The factoring process is as follows: Firstly, an organisation sells its product or services to a customer and issues an invoice for the value of the goods or services. Then for factoring the invoice, the organisation follows the sale by sending the factor a copy of the invoice. The factor then processes the invoice, and within 24-28 hours, the factor gives the organisation a percentage of the invoice amount.

When the customer becomes ready to make the payment, he/she directs the payment to the factor. After receiving the payment, the factor withholds a small factoring service fee, and returns the difference or reserve back to organisation. At last, the reserve is the second payment the organisation receives from the factor for the invoice.

Figure shows how invoice factoring works:

Some advantages of factoring are as follows:

  • With cash flow accelerated by factoring, the client is better able to satisfy his/her obligations as they arise.

  • Factoring is a flexible source of money that enables a predictable pattern of cash inflows from credit sales.

  • The client can concentrate on other functional areas of business as the responsibility of credit control is shouldered by the factor.

Some limitations of factoring are as follows:

  • When the invoices are many and little in value, this source is costly.

  • The factor firm’s advance finance is often accessible at a higher interest rate than the standard rate of interest.

Commercial Papers

In the early 1990s, commercial paper became a popular source of short-term financing in our country. Commercial paper is an unsecured promissory note that a company issues to raise capital for a limited period of time, usually 90 to 364 days. It is distributed to other businesses, insurance companies, pension funds and banks by a single company. The sum raised by CP is usually rather substantial. Because the debt is completely unsecured, only companies with a solid credit rating can issue a CP. The Reserve Bank of India is responsible for its regulation.

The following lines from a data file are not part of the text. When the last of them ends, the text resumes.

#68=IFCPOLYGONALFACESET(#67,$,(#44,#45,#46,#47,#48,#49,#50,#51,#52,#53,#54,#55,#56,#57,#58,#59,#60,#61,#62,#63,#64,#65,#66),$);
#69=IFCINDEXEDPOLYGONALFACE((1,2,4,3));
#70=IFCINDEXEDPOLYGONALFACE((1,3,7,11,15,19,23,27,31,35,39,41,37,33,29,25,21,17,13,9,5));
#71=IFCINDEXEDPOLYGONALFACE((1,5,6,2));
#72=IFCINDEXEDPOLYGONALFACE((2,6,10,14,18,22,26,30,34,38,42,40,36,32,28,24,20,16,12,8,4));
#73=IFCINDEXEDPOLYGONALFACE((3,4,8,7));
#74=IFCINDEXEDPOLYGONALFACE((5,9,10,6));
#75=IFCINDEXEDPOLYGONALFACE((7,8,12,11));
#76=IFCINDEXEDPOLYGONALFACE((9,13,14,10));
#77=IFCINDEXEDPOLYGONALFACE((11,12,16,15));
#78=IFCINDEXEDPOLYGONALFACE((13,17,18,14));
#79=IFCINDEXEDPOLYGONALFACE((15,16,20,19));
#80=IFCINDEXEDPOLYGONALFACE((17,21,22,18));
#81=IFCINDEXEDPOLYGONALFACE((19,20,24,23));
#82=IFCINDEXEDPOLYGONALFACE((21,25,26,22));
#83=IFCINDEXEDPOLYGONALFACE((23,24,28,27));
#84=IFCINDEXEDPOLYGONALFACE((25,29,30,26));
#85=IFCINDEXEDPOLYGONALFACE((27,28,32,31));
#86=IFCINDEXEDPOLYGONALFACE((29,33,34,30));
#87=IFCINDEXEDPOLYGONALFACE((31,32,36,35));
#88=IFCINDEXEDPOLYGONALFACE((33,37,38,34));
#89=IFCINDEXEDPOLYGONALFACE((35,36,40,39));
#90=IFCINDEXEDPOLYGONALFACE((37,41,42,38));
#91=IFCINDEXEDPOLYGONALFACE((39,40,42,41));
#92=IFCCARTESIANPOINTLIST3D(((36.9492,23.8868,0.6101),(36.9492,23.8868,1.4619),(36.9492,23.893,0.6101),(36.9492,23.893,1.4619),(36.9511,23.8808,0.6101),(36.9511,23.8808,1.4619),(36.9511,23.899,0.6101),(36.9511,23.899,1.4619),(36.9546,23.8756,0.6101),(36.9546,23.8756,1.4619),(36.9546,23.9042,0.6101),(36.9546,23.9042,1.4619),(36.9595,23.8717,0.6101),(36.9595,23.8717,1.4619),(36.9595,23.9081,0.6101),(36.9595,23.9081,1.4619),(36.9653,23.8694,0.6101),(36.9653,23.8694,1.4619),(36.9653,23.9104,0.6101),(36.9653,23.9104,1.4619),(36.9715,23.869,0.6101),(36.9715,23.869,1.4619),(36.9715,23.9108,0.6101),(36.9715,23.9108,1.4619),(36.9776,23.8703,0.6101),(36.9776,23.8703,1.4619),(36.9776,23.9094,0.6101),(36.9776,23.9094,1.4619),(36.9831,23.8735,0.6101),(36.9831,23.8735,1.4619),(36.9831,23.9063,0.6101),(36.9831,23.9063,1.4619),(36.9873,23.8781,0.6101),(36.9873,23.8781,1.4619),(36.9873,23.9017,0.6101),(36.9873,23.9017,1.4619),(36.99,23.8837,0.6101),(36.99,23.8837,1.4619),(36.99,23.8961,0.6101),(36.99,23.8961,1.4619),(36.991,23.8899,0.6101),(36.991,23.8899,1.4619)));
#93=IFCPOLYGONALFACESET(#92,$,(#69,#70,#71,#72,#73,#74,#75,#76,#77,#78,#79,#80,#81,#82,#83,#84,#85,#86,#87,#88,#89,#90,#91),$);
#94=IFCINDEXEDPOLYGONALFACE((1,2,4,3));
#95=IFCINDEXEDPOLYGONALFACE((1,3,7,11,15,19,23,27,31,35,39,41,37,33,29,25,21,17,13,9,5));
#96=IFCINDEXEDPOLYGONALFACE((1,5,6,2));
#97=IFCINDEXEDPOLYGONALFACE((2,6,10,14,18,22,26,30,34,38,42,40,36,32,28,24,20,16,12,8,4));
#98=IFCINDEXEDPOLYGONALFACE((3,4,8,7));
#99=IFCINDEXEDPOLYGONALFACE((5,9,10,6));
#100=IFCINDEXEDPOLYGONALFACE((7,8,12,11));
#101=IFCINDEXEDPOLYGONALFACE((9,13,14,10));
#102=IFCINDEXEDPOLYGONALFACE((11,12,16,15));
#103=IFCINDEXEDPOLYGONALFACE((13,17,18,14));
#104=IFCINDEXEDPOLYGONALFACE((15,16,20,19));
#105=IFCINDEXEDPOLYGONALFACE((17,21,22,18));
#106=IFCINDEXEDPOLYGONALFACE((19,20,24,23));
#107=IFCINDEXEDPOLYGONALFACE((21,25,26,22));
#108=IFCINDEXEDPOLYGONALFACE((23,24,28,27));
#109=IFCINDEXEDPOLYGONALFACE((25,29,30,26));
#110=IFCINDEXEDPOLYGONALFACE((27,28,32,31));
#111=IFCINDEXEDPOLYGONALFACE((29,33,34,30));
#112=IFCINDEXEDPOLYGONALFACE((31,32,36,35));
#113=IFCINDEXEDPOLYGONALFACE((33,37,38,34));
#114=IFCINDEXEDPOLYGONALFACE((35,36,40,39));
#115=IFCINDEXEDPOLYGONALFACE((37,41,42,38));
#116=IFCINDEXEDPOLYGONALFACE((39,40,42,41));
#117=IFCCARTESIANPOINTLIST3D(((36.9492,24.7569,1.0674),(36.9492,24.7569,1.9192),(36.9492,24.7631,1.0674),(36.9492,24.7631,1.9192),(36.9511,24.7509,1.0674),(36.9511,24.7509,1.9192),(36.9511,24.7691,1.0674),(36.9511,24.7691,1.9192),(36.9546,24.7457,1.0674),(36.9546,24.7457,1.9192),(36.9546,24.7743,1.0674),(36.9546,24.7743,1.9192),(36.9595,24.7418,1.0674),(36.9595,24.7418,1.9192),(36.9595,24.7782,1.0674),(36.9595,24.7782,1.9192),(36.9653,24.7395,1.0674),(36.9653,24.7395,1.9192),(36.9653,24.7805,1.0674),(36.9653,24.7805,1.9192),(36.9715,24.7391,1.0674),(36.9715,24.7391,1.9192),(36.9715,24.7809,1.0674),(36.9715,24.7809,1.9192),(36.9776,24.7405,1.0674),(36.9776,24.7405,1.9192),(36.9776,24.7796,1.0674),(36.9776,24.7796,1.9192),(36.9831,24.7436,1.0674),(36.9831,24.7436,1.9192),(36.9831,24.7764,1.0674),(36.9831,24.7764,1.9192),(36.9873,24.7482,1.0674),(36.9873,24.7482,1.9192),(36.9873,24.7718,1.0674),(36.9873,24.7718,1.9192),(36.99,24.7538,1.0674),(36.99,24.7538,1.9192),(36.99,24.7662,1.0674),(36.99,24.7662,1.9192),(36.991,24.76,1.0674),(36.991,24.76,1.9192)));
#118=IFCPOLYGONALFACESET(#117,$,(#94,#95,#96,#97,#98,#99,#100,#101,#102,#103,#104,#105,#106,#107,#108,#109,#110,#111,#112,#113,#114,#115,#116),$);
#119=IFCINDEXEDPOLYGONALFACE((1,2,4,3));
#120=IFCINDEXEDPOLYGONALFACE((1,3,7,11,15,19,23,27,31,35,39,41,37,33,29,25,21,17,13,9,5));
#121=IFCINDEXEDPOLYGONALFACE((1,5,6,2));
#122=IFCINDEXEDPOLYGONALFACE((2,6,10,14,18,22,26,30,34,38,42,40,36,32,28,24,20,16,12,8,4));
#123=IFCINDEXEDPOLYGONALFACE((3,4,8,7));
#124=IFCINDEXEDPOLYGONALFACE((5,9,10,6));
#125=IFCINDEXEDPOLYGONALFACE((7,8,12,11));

Some advantages of a commercial paper are as follows:

  • A commercial paper is sold without any restrictions and is sold on an unsecured basis.

  • It has a high liquidity because it is a freely transferable instrument.

  • In comparison to other sources, it delivers greater funds.

  • A commercial paper delivers a steady flow of cash. This is due to the fact that their maturity can be customised to meet the needs of the issuing corporation. In addition, maturing commercial paper can be repaid by the sale of new commercial paper.

  • Businesses can invest their spare cash in commercial paper and make a decent return on it.

Some limitations of commercial paper are as follows:

  • Commercial papers can only be used to raise funds by financially sound and highly rated companies. This strategy cannot be used by new or modestly rated businesses to raise financing.

  • The amount of money that can be generated through commercial paper is restricted by the amount of excess liquidity available with fund sources at any given time.

  • Commercial paper is a faceless form of borrowing. As a result, extending the maturity of commercial paper is not possible if a company is unable to redeem its paper due to financial difficulties.